WebClick — Multimodal benchmark for web browsing
WebClick is a multimodal benchmark dataset designed to assess the ability of models and agents to understand and navigate web interfaces. It contains screenshots annotated with natural language instructions and specific click areas.
1,639 PNG/JPEG images, text instructions, bounding box coordinates in JSON
Apache 2.0
Description
The dataset WebClick contains 1,639 screenshots of annotated websites with natural language instructions and precise bounding boxes. This data comes from real tasks of human agents and users, covering web browsing, online shopping, and calendar management.
What is this dataset for?
- Evaluate the understanding of user interfaces by multimodal models
- Test the ability to accurately locate clicks in response to natural language instructions
- Develop and benchmark intelligent agents for automated web browsing
Can it be enriched or improved?
This dataset can be enriched with additional annotations, such as complex interactive elements or multi-page contexts. The integration of data from other web environments would improve the robustness of the models.
🔎 In summary
🧠 Recommended for
- Multimodal AI researchers
- Web agent developers
- R&D, UX and automated navigation teams
🔧 Compatible tools
- PyTorch
- TensorFlow
- Hugging Face
- Visual annotation tools
💡 Tip
Use advanced spatial grounding techniques to maximize click location accuracy.

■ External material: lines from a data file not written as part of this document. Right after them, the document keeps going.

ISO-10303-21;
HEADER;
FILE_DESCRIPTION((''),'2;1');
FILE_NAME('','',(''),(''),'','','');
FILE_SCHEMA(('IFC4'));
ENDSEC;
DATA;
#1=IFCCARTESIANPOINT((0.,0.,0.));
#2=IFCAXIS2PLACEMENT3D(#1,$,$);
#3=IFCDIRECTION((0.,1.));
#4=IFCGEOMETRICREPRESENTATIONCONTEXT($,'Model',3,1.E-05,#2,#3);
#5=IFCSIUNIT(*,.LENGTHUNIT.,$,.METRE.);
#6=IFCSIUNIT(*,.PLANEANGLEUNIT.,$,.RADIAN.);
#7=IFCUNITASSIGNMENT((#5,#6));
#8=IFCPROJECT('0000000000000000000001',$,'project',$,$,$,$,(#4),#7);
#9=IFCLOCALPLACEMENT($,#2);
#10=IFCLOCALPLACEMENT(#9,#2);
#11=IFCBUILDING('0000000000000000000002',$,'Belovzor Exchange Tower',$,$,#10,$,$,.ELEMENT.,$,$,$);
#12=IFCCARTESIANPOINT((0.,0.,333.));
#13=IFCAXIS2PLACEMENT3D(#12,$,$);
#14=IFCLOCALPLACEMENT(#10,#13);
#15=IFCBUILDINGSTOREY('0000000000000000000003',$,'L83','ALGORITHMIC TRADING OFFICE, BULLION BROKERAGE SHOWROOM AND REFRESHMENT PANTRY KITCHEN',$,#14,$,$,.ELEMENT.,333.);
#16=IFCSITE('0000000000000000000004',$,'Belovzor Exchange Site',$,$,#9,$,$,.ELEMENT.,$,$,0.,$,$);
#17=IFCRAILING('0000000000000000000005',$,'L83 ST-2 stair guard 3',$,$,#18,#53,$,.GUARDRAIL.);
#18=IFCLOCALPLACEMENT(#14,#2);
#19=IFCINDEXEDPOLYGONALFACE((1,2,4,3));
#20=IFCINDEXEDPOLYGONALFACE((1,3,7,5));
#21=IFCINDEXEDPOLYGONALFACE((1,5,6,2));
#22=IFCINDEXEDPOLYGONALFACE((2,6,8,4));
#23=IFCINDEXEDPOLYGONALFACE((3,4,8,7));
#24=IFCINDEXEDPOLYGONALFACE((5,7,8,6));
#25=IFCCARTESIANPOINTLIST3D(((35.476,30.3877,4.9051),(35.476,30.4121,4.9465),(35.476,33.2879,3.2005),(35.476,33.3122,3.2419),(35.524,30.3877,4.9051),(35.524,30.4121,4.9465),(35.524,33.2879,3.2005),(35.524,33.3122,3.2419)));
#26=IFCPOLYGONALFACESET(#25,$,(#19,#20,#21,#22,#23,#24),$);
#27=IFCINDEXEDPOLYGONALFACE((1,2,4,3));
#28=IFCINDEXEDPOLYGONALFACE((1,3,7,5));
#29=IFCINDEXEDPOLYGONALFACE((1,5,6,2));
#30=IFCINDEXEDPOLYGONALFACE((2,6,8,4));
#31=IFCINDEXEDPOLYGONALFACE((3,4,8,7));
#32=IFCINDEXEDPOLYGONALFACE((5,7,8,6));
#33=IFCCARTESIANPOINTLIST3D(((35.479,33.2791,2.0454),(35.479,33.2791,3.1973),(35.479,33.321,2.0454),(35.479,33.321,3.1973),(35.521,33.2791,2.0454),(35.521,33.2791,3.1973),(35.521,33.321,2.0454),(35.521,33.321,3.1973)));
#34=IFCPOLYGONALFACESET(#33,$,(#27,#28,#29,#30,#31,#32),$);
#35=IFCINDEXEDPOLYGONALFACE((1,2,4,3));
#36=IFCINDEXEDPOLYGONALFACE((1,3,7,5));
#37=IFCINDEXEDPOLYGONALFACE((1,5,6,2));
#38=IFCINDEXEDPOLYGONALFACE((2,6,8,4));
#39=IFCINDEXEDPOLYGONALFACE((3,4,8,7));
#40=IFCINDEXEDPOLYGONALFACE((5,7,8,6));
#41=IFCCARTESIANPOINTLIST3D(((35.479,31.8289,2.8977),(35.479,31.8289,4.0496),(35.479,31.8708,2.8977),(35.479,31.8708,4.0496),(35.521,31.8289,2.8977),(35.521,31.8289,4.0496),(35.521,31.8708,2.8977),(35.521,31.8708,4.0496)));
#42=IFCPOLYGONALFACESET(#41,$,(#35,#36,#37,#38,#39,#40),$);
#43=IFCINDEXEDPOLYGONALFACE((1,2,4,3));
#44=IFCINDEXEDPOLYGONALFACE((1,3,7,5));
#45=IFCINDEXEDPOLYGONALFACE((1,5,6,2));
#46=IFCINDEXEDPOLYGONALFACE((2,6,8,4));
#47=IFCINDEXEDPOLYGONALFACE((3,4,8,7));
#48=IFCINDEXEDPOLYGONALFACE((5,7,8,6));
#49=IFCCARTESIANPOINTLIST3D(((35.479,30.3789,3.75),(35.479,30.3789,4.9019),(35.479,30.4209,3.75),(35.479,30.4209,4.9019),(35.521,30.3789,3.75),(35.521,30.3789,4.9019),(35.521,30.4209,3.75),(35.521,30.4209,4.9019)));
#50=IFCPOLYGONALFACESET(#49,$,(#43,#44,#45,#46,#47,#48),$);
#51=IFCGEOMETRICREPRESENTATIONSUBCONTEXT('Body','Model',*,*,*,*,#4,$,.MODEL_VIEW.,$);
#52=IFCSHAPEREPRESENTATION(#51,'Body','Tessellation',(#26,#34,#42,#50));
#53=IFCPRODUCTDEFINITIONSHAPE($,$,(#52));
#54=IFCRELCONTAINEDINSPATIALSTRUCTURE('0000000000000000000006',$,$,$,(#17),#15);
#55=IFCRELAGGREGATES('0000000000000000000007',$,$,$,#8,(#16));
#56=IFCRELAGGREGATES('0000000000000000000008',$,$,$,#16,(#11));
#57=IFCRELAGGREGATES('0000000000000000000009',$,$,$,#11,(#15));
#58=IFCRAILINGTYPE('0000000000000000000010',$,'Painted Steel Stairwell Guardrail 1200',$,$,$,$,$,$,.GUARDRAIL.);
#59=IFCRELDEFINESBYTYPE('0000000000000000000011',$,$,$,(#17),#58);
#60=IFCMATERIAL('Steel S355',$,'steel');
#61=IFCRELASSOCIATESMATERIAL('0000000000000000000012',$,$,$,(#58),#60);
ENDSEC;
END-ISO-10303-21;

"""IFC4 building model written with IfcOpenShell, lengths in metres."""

from ifc_helpers import new_model, si_unit, direction, frame, origin, origin_2d, place, context, subcontext, project, spatial, rectangle, extrude, material, type_object, element, save


model = new_model("IFC4")

# Units and contexts
model_context = context("Model", 3, precision=1e-05, world=origin(), true_north=direction((0.0, 1.0)))
body_context = subcontext(model_context, "Body", "Model", "MODEL_VIEW")
ifc_project = project(units=[si_unit("LENGTHUNIT", "METRE"), si_unit("PLANEANGLEUNIT", "RADIAN")], contexts=[model_context])

# Site, building, storey
site_placement = place(None, origin())
site = spatial("IfcSite", under=ifc_project, at=site_placement, Name="Belovzor Exchange Site", CompositionType="ELEMENT", RefElevation=0.0)
building_placement = place(site_placement, origin())
building = spatial("IfcBuilding", under=site, at=building_placement, Name="Belovzor Exchange Tower", CompositionType="ELEMENT")
storey_placement = place(building_placement, frame((0.0, 0.0, 333.0)))
storey = spatial("IfcBuildingStorey", under=building, at=storey_placement, Name="L83", Description="ALGORITHMIC TRADING OFFICE, BULLION BROKERAGE SHOWROOM AND REFRESHMENT PANTRY KITCHEN", CompositionType="ELEMENT", Elevation=333.0)

# Railing
ifc_material_1 = material(Name="Steel S355", Category="steel")
railing_type_1 = type_object("IfcRailingType", Name="Painted Steel Stairwell Guardrail 1200", PredefinedType="GUARDRAIL", material=ifc_material_1)
railing_1_placement = place(storey_placement, frame((35.5, 33.3, 2.0454)))
element("IfcRailing", 1, at=railing_1_placement, inside=storey, type_object=railing_type_1, Name="L83 ST-2 stair guard 3", PredefinedType="GUARDRAIL", context=body_context, shape_type="SweptSolid", body=[
    extrude(rectangle(XDim=0.0481, YDim=0.0481, at=origin_2d()), frame((0.0, 0.0, 1.1758), z_axis=(0.0, -0.862113, 0.506716), x_axis=(1.0, 0.0, 0.0)), (0.0, 0.0, 1.0), 3.364),
    extrude(rectangle(XDim=0.042, YDim=0.042, at=origin_2d()), origin(), (0.0, 0.0, 1.0), 1.1519),
    extrude(rectangle(XDim=0.042, YDim=0.042, at=origin_2d()), frame((0.0, -1.4502, 0.8523)), (0.0, 0.0, 1.0), 1.1519),
    extrude(rectangle(XDim=0.042, YDim=0.042, at=origin_2d()), frame((0.0, -2.9001, 1.7046)), (0.0, 0.0, 1.0), 1.1519),
])

save(model, "model.ifc")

Frequently Asked Questions
What data is provided in WebClick?
Website screenshots, natural language instructions, and precise coordinates of bounding boxes.
Is this dataset suitable for creating intelligent agents for web browsing?
Yes, it allows you to train and evaluate agents who are able to understand instructions and interact with web interfaces.
What are the usage scenarios covered by WebClick?
Agent-assisted browsing, online shopping, calendar management, and other complex web interactions.